Crauford, who had been still walking to and fro, stopped abruptly at this speech; and his eye, even through the gloom, shot out a livid and fierce light, before which the timid and humble glance of Mr. Bradley quailed in an instant.

“Go home!—no, my friend, no: I can’t part with you tonight, no, not for an instant. I have many lessons to give you. How are we to learn our parts for to-morrow, if we don’t rehearse them beforehand? Do you not know that a single blunder may turn what I hope will be a farce into a tragedy? Go home!—pooh! pooh! why, man, I have not seen my wife, nor put my house to rights, and if you do but listen to me I tell you again and again that not a hair of our heads can be touched.”

“You know best, honoured sir; I bow to your decision.”

“Bravo, honest Brad! and now for dinner. I have the most glorious champagne that ever danced in foam to your lip. No counsellor like the bottle, believe me!”

And the servant entering to announce dinner, Crauford took Bradley’s arm, and leaning affectionately upon it, passed through an obsequious and liveried row of domestics to a room blazing with light and plate. A noble fire was the first thing which revived Bradley’s spirit; and, as he spread his hands over it before he sat down to the table, he surveyed, with a gleam of gladness upon his thin cheeks, two vases of glittering metal formerly the boast of a king, in which were immersed the sparkling genii of the grape.

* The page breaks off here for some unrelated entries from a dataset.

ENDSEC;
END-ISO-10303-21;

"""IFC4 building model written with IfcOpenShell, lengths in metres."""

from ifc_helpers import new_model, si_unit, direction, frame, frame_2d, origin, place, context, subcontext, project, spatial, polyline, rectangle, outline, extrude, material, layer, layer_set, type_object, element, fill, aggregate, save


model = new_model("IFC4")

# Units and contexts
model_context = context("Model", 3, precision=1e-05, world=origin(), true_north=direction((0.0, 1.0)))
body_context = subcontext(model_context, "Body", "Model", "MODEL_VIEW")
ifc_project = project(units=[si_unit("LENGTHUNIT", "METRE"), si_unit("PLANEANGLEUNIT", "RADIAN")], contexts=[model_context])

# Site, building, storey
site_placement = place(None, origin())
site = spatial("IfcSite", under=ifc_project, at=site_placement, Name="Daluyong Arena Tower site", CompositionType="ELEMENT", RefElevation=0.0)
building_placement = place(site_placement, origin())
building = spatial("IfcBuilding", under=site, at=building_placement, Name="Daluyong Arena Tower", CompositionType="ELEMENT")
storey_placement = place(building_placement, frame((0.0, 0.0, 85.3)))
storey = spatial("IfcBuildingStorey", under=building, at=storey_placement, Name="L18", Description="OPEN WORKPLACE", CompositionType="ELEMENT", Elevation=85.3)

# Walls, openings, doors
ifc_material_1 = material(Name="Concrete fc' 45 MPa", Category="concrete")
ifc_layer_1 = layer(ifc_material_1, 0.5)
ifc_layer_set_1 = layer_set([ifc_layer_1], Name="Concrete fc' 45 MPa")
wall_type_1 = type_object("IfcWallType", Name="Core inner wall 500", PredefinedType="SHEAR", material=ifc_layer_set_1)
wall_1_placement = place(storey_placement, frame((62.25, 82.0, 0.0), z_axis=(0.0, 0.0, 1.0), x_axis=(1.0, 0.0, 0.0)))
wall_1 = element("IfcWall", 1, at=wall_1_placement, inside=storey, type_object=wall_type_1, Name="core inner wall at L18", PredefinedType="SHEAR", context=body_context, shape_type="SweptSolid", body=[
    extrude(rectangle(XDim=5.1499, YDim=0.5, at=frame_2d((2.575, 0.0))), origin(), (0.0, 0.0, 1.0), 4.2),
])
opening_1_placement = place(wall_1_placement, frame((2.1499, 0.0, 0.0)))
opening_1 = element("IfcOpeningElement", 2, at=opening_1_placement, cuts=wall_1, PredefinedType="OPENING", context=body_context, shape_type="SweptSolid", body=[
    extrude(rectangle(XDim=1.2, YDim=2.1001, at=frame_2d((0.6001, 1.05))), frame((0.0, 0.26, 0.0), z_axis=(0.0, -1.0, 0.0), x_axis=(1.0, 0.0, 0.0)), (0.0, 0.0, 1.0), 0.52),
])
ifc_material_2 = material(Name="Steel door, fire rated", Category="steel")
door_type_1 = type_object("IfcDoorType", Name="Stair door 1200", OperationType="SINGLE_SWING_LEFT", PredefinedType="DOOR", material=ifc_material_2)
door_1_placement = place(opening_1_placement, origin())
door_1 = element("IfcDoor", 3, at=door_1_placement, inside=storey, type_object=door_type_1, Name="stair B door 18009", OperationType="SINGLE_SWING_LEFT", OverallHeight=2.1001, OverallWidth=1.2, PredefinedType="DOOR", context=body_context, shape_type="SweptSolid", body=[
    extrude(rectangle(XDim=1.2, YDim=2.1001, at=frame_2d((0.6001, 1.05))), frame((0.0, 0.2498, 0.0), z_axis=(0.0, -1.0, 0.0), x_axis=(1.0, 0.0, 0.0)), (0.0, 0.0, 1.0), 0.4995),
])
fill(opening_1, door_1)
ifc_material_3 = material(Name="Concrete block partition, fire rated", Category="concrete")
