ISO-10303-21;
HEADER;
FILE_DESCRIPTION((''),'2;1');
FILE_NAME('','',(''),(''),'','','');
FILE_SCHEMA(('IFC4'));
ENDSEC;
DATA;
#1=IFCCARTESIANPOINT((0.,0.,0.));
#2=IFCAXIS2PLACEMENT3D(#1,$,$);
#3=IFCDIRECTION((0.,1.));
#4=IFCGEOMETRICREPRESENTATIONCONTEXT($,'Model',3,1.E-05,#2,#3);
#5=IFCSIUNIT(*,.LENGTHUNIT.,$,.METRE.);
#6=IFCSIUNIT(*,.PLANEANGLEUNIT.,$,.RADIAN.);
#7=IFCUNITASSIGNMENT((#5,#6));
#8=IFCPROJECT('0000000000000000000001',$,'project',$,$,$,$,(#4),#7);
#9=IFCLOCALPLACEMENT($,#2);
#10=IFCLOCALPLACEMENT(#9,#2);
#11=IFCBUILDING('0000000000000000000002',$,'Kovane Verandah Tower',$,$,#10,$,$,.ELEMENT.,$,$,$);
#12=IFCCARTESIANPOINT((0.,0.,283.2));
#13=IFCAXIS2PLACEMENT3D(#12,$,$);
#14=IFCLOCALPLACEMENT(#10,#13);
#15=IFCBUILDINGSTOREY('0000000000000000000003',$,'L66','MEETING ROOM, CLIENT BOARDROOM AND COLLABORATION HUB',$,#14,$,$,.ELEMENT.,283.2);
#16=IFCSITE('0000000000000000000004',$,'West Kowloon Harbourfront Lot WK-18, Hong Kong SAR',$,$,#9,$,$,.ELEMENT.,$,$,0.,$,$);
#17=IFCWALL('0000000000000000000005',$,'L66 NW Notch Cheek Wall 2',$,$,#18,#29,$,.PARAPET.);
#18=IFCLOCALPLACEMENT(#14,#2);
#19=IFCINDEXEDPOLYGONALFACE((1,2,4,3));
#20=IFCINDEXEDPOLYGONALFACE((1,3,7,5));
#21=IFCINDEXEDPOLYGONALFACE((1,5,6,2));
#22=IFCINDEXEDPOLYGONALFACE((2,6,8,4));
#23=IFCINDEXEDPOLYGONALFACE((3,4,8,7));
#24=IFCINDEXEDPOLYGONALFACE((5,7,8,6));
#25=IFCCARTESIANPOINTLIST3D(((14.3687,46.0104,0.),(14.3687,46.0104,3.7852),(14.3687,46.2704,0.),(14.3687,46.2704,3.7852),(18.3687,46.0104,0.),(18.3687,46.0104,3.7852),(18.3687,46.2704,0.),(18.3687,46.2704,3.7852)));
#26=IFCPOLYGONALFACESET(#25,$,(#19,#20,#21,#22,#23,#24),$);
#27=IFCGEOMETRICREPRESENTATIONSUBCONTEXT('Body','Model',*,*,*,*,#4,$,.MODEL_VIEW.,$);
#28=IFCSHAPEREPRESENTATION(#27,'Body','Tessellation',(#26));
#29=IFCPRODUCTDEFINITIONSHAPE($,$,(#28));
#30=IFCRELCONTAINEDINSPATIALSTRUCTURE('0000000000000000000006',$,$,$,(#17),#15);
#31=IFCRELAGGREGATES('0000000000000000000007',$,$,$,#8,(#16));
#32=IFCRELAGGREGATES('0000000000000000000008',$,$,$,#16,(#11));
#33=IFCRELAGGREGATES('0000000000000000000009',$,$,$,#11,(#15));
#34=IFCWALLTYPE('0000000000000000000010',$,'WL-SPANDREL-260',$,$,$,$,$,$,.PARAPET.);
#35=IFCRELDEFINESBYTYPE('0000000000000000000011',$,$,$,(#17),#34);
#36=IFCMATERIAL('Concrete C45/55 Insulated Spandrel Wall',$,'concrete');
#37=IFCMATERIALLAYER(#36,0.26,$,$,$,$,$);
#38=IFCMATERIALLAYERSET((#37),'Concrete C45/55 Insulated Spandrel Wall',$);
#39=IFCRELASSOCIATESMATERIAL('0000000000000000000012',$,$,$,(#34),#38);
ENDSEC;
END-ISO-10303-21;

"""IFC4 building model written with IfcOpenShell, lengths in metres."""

from ifc_helpers import new_model, si_unit, direction, frame, frame_2d, origin, place, context, subcontext, project, spatial, rectangle, extrude, material, layer, layer_set, type_object, element, save


model = new_model("IFC4")

# Units and contexts
model_context = context("Model", 3, precision=1e-05, world=origin(), true_north=direction((0.0, 1.0)))
body_context = subcontext(model_context, "Body", "Model", "MODEL_VIEW")
ifc_project = project(units=[si_unit("LENGTHUNIT", "METRE"), si_unit("PLANEANGLEUNIT", "RADIAN")], contexts=[model_context])

# Site, building, storey
site_placement = place(None, origin())
site = spatial("IfcSite", under=ifc_project, at=site_placement, Name="West Kowloon Harbourfront Lot WK-18, Hong Kong SAR", CompositionType="ELEMENT", RefElevation=0.0)
building_placement = place(site_placement, origin())
building = spatial("IfcBuilding", under=site, at=building_placement, Name="Kovane Verandah Tower", CompositionType="ELEMENT")
storey_placement = place(building_placement, frame((0.0, 0.0, 283.2)))
storey = spatial("IfcBuildingStorey", under=building, at=storey_placement, Name="L66", Description="MEETING ROOM, CLIENT BOARDROOM AND COLLABORATION HUB", CompositionType="ELEMENT", Elevation=283.2)

# Shared definitions
ifc_material_1 = material(Name="Concrete C45/55 Insulated Spandrel Wall", Category="concrete")
ifc_layer_1 = layer(ifc_material_1, 0.26)
ifc_layer_set_1 = layer_set([ifc_layer_1], Name="Concrete C45/55 Insulated Spandrel Wall")
wall_type_1 = type_object("IfcWallType", Name="WL-SPANDREL-260", PredefinedType="PARAPET", material=ifc_layer_set_1)

# Wall
wall_1_placement = place(storey_placement, frame((18.3687, 46.1404, 0.0), z_axis=(0.0, 0.0, 1.0), x_axis=(-1.0, 0.0, 0.0)))
element("IfcWall", 1, at=wall_1_placement, inside=storey, type_object=wall_type_1, Name="L66 NW Notch Cheek Wall 2", PredefinedType="PARAPET", context=body_context, shape_type="SweptSolid", body=[
    extrude(rectangle(XDim=4.0, YDim=0.26, at=frame_2d((2.0, 0.0))), origin(), (0.0, 0.0, 1.0), 3.7852),
])

save(model, "model.ifc")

Crauford, always a gourmand, ate with unusual appetite, and pressed the wine upon Bradley with an eager hospitality, which soon somewhat clouded the senses of the worthy man. The dinner was removed, the servants retired, and the friends were left alone.

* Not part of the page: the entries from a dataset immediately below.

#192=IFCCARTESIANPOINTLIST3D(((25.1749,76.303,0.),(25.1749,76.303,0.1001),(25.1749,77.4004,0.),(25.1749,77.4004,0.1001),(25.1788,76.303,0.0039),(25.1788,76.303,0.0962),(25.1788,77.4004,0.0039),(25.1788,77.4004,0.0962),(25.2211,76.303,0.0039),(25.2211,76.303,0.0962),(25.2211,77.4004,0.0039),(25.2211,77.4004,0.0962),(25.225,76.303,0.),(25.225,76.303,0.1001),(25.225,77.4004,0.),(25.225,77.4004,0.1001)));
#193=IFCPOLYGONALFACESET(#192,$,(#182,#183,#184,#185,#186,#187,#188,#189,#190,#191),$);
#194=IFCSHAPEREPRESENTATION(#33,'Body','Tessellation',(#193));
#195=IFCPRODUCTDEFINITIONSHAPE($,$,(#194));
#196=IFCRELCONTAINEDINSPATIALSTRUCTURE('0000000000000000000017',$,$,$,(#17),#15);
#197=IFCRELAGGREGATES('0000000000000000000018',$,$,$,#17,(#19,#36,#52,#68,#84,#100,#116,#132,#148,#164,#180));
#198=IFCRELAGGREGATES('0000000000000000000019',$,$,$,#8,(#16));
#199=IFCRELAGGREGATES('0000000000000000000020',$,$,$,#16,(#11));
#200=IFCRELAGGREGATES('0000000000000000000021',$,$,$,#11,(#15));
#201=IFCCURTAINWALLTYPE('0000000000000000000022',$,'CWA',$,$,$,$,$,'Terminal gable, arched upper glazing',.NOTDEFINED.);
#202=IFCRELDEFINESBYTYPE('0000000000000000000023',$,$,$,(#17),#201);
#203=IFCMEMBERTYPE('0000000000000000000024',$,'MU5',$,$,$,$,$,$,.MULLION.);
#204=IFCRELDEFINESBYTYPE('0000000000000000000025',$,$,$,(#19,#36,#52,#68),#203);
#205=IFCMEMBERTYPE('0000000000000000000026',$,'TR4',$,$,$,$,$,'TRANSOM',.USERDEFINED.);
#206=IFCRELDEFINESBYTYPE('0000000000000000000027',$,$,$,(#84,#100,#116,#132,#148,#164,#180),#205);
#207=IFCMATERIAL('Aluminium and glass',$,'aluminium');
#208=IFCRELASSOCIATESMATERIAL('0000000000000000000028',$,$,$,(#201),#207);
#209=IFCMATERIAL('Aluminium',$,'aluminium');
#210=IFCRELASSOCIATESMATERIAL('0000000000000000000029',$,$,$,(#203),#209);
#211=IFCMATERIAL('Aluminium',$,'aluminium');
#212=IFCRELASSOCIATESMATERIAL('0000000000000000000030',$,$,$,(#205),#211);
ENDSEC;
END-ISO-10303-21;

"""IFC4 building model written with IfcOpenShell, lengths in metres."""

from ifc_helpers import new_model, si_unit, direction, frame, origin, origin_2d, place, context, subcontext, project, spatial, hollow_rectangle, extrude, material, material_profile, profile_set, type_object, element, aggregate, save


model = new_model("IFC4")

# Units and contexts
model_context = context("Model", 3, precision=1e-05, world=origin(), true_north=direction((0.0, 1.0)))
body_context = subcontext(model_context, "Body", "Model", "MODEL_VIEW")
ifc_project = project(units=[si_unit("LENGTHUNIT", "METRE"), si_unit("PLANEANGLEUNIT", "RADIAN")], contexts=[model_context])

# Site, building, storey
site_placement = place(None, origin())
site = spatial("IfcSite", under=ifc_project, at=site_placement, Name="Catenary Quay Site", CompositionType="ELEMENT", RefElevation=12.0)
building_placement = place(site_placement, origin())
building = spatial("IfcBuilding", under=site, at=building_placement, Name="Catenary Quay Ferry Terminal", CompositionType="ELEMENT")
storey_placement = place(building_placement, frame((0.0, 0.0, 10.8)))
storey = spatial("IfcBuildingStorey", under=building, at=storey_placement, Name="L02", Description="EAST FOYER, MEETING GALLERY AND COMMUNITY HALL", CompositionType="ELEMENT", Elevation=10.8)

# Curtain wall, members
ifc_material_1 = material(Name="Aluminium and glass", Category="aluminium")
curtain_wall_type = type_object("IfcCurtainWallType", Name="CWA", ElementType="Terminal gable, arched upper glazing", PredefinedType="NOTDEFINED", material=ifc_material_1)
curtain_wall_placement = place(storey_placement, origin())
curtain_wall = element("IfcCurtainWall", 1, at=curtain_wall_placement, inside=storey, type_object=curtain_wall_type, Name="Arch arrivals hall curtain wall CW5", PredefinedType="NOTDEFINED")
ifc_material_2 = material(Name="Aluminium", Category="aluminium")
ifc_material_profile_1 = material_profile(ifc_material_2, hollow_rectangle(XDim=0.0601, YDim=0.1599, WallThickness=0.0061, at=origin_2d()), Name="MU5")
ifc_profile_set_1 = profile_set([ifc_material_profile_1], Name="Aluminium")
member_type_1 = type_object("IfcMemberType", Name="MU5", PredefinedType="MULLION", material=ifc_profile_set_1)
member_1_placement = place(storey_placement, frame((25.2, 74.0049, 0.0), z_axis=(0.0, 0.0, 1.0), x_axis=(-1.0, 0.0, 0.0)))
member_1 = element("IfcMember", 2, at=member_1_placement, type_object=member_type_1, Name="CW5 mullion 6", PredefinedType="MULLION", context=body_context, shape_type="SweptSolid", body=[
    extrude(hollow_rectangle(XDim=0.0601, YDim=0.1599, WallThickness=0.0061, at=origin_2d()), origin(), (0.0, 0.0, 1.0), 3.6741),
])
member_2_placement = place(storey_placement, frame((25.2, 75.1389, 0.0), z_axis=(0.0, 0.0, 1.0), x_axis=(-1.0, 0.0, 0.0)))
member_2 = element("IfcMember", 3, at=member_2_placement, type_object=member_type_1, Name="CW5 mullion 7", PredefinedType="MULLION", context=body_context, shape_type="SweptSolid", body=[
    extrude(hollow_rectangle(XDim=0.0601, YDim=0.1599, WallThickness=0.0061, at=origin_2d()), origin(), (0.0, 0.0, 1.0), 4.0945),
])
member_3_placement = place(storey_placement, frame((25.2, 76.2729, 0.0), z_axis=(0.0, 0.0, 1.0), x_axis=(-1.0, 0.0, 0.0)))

“A pleasant trip to France!” cried Crauford, filling a bumper. “That’s the land for hearts like ours. I tell you what, little Brad, we will leave our wives behind us, and take, with a new country and new names, a new lease of life. What will it signify to men making love at Paris what fools say of them in London? Another bumper, honest Brad,—a bumper to the girls! What say you to that, eh?”

“Lord, sir, you are so facetious, so witty! It must be owned that a black eye is a great temptation,—Lira-lira, la-la!” and Mr. Bradley’s own eyes rolled joyously.

“Bravo, Brad!—a song, a song! but treason to King Burgundy! Your glass is—”

“Empty, honoured sir, I know it!—Lira-lira la!—but it is easily filled! We who have all our lives been pouring from one vessel into another know how to keep it up to the last!